The resiliency of key economic drivers finally moved the needle in leasing demand and net absorption of industrial space in 2011. International trade, consumption and inventory rebuilding ignited demand for big-box warehouse space in key port and distribution markets across the country. Similar to other property types, recovery in fundamentals has been bifurcated by market and asset class, favoring coastal metro areas with large ports and their immediate distribution hubs, e.g., Los Angeles and the Inland Empire, and modern, class A functional warehouses, says the report. Demand also recovered earlier in markets with strong ties to energy, technology and logistics operations, such as Houston and Dallas.

The uptrend in fourth-quarter GDP growth and employment coincided with appreciably higher levels of net absorption, with demand nearly doubling between the first and fourth quarters last year. Industrial tenants absorbed 29.1 million square feet in fourth quarter, 2011, the biggest quarterly gain in four years, adds the report.

On balance, lateral movements and renewals also characterized much of leasing activity in 2011 and two years of record-low space deliveries proved key to stabilizing vacancy rates, says the report. “Manufacturing and high-tech businesses have lifted demand for class A multi-tenant properties, but weak credit markets and diminished confidence hurt small to mid-size business expansion, which translated to a distinctively flatter trajectory for occupancy and rent recovery in small-bay warehouse and class B and C multi-tenant properties,” says Pontius. “Total net absorption of all types of industrial space registered almost 97 million square feet in 2011, six times higher than 2010, and resulted in a 70-basis-point decline in the national vacancy rate to 11.9%.”

Effective rents remained unchanged at $4.41 per square foot, stemming a three-year cumulative decline of 17%, according to the report. In perspective, net absorption comprised 0.9% of existing stock, well below the 20-year average from 1980-1999 of 1.4%. Recessions bookended the 2000s decade, skewing historical averages. New supply totaled 28.4 million square feet in 2011, or 0.3 percent of stock, compared with the long-term average range of 1.6% to 1.7%. According to the company’s forecast, rents will gain traction when minimal new supply meets surging demand.
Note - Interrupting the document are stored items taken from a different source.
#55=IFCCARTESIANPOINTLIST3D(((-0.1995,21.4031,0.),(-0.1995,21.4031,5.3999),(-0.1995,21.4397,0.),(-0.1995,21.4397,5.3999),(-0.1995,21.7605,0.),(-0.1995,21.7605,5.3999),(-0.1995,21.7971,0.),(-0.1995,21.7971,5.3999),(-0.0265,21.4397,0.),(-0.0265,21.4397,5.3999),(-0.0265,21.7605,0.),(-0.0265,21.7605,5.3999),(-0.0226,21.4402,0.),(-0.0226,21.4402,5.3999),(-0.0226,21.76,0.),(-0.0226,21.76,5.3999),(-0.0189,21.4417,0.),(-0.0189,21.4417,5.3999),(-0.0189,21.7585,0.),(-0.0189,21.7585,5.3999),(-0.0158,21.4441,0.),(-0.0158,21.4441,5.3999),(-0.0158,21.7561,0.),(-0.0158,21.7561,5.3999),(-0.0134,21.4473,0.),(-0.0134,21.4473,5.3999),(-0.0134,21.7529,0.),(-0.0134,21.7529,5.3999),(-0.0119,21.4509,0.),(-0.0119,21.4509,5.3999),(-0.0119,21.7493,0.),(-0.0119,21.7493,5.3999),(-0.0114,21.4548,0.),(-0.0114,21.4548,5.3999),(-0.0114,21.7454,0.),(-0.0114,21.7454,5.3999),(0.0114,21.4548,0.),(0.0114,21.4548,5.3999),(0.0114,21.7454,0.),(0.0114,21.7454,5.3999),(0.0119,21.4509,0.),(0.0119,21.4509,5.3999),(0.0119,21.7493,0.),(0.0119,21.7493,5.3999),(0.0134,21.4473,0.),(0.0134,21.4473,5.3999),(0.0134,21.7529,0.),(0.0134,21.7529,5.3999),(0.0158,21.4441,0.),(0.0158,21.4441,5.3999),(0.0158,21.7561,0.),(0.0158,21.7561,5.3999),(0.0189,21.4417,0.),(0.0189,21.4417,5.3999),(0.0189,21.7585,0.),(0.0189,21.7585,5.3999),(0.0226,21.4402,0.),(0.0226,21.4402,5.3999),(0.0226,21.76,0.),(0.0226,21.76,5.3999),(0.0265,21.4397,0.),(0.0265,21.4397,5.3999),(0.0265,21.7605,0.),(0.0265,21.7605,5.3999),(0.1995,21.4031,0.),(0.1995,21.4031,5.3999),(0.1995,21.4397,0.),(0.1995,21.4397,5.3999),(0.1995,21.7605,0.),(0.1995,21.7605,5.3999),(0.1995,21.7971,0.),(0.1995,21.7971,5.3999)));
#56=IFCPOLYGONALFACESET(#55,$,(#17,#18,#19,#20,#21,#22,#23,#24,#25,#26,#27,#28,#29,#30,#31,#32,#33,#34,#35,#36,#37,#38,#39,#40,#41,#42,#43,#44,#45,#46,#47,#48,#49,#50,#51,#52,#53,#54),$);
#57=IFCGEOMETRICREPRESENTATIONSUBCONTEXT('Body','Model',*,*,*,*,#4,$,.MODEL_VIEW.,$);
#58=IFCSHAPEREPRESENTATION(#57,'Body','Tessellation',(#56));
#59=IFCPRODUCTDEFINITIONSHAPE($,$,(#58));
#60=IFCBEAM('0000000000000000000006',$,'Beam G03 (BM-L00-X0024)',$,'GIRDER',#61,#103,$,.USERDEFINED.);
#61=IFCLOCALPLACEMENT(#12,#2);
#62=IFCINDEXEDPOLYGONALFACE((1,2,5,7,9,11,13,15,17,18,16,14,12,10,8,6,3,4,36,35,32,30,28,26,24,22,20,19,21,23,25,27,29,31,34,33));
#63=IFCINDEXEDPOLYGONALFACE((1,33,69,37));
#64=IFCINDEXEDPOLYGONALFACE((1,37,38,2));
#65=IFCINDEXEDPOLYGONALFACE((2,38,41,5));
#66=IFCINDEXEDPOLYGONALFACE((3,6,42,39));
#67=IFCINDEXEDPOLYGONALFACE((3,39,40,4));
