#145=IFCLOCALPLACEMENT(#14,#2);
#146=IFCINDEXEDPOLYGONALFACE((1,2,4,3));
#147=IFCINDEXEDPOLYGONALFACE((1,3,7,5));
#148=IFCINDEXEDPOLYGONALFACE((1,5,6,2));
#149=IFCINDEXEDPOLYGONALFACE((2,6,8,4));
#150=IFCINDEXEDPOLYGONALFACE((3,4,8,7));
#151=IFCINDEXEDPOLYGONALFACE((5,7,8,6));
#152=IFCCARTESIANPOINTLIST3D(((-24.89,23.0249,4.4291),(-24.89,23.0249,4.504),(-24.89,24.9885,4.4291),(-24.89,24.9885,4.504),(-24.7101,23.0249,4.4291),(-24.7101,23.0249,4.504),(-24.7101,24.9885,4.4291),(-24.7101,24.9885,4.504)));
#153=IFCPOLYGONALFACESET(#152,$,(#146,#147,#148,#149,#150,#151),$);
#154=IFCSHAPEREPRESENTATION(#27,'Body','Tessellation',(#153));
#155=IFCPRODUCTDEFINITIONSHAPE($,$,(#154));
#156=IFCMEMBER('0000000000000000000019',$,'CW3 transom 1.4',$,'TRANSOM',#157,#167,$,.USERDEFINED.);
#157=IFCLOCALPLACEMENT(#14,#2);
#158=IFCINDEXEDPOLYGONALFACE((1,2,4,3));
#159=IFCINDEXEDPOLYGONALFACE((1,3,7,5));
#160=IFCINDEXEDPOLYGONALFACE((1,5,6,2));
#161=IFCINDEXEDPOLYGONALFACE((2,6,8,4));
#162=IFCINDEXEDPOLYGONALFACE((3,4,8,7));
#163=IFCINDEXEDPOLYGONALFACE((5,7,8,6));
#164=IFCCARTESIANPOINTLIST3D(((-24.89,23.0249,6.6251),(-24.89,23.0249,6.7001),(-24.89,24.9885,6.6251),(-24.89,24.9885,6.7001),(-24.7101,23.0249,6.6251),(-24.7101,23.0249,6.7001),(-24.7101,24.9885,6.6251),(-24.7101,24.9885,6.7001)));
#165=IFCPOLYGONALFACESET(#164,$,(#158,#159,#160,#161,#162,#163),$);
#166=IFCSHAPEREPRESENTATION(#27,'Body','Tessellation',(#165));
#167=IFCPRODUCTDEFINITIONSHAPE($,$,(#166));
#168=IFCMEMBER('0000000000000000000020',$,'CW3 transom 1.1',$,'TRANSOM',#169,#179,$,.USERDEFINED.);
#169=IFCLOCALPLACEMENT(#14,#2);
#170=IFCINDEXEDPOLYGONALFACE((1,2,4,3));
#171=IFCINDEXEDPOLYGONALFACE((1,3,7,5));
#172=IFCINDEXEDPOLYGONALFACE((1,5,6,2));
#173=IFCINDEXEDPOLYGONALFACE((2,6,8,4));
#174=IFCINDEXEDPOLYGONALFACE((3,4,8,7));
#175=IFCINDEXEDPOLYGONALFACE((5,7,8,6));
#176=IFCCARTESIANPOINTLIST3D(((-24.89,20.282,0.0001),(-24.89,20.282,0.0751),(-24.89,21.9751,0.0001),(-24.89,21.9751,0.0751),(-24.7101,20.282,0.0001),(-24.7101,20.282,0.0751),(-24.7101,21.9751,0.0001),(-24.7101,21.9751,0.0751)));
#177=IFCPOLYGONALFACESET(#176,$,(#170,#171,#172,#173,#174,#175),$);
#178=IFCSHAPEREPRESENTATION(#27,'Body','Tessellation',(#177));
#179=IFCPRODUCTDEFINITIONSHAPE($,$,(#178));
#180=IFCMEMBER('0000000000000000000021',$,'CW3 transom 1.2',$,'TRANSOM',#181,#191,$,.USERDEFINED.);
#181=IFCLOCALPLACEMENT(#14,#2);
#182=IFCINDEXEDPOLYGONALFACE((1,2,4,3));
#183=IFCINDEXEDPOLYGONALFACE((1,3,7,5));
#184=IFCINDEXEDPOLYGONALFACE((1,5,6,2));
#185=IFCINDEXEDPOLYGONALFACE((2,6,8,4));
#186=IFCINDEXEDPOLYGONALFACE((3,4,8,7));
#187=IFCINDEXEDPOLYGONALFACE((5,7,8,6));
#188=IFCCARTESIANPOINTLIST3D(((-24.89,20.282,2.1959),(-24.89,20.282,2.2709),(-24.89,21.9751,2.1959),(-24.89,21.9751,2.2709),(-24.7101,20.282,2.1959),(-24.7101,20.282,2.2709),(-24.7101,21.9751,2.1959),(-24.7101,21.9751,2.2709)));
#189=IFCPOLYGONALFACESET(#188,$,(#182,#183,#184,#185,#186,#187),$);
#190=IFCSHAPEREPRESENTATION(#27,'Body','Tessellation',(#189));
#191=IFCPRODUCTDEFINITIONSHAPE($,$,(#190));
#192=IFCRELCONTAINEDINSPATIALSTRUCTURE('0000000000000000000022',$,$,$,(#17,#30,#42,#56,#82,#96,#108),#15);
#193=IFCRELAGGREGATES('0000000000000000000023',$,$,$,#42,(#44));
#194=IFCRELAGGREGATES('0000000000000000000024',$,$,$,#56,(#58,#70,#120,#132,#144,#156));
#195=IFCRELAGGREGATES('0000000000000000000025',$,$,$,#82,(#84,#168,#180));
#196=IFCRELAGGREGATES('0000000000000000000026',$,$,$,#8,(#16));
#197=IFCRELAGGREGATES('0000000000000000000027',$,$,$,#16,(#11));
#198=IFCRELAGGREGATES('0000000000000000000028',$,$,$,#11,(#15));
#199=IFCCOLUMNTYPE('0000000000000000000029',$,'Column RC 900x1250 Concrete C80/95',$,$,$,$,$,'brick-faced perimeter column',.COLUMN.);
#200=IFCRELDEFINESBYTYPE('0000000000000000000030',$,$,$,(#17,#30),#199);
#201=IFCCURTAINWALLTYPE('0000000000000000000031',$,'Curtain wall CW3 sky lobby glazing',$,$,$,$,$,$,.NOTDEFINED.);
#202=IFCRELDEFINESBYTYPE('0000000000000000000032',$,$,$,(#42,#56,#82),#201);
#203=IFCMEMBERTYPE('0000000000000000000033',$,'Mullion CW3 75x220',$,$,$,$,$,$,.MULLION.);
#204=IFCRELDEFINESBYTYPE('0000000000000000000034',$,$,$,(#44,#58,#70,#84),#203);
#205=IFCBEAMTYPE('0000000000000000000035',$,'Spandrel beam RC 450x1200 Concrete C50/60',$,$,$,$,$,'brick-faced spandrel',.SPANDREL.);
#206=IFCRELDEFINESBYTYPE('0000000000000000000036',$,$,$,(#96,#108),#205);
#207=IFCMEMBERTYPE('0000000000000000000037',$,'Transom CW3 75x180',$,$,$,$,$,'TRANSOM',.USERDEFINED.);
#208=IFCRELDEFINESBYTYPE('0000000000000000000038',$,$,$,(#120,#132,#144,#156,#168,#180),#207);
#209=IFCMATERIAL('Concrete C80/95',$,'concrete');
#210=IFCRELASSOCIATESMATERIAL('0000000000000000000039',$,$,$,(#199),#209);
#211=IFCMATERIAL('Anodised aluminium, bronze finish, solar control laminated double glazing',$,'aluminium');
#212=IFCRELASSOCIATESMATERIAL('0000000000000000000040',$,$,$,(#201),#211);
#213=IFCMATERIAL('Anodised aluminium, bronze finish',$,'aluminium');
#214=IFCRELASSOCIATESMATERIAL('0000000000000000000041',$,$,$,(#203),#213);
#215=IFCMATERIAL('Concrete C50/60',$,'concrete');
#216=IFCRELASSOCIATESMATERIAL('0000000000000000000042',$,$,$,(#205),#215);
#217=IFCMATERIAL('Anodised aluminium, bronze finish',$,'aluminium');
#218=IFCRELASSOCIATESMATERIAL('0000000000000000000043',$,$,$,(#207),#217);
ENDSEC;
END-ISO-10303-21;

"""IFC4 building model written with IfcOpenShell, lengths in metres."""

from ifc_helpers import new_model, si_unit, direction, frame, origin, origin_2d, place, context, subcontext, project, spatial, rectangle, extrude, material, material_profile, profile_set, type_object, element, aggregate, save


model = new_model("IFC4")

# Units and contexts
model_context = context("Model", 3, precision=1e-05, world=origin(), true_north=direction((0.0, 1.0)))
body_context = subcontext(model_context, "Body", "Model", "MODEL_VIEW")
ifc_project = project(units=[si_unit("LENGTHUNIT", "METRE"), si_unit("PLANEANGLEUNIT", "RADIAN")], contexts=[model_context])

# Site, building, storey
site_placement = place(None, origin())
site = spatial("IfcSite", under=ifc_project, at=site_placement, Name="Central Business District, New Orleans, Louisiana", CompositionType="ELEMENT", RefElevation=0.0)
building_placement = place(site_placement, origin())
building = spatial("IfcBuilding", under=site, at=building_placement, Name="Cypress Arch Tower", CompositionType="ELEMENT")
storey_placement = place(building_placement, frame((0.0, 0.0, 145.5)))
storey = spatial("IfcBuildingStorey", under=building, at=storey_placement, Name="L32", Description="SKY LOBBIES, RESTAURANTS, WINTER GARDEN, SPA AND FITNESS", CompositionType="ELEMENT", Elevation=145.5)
The broadening scope of industrial sectors that drive economic growth, such as trade, transportation, consumption, manufacturing, business investment, and employment, delivers an optimistic message about the trajectory of industrial real estate recovery in operations and value, according to the report. The national picture for space fundamentals improved significantly over the past year, but recovery has been narrowly confined to modern warehouses strategically located in gateway markets and national distribution hubs, which belies the challenges facing properties outside that box. According to the report, non-warehouse product absorbed a disproportionate share of losses in NOI following the recession. “Many owners of industrial properties have continued to work through a deleveraging process, absorbing higher financing and loan modification expenses, further stabilizing their asset bases with highly competitive lease terms, and striking a balance between restructuring and retiring debt facilities and near-term, debt maturities,” explains Pontius. “In addition, the level of new distress still exceeds workouts and, for these reasons, industrial investors generally remained committed to a defensive investment strategy in 2011, largely focused on core acquisitions.” However, the report notes that a selective concentration of portfolio acquisitions in secondary markets consisting of data centers and showroom space located in Phoenix, Atlanta and Las Vegas proved the exception to this trend. In terms of transaction activity, the report points out that it rose by 14% in 2011, while dollar volume rose nearly 7%. “Sales volume remains well below the other major property types, but levels appear to be gaining momentum,” explains Pontius.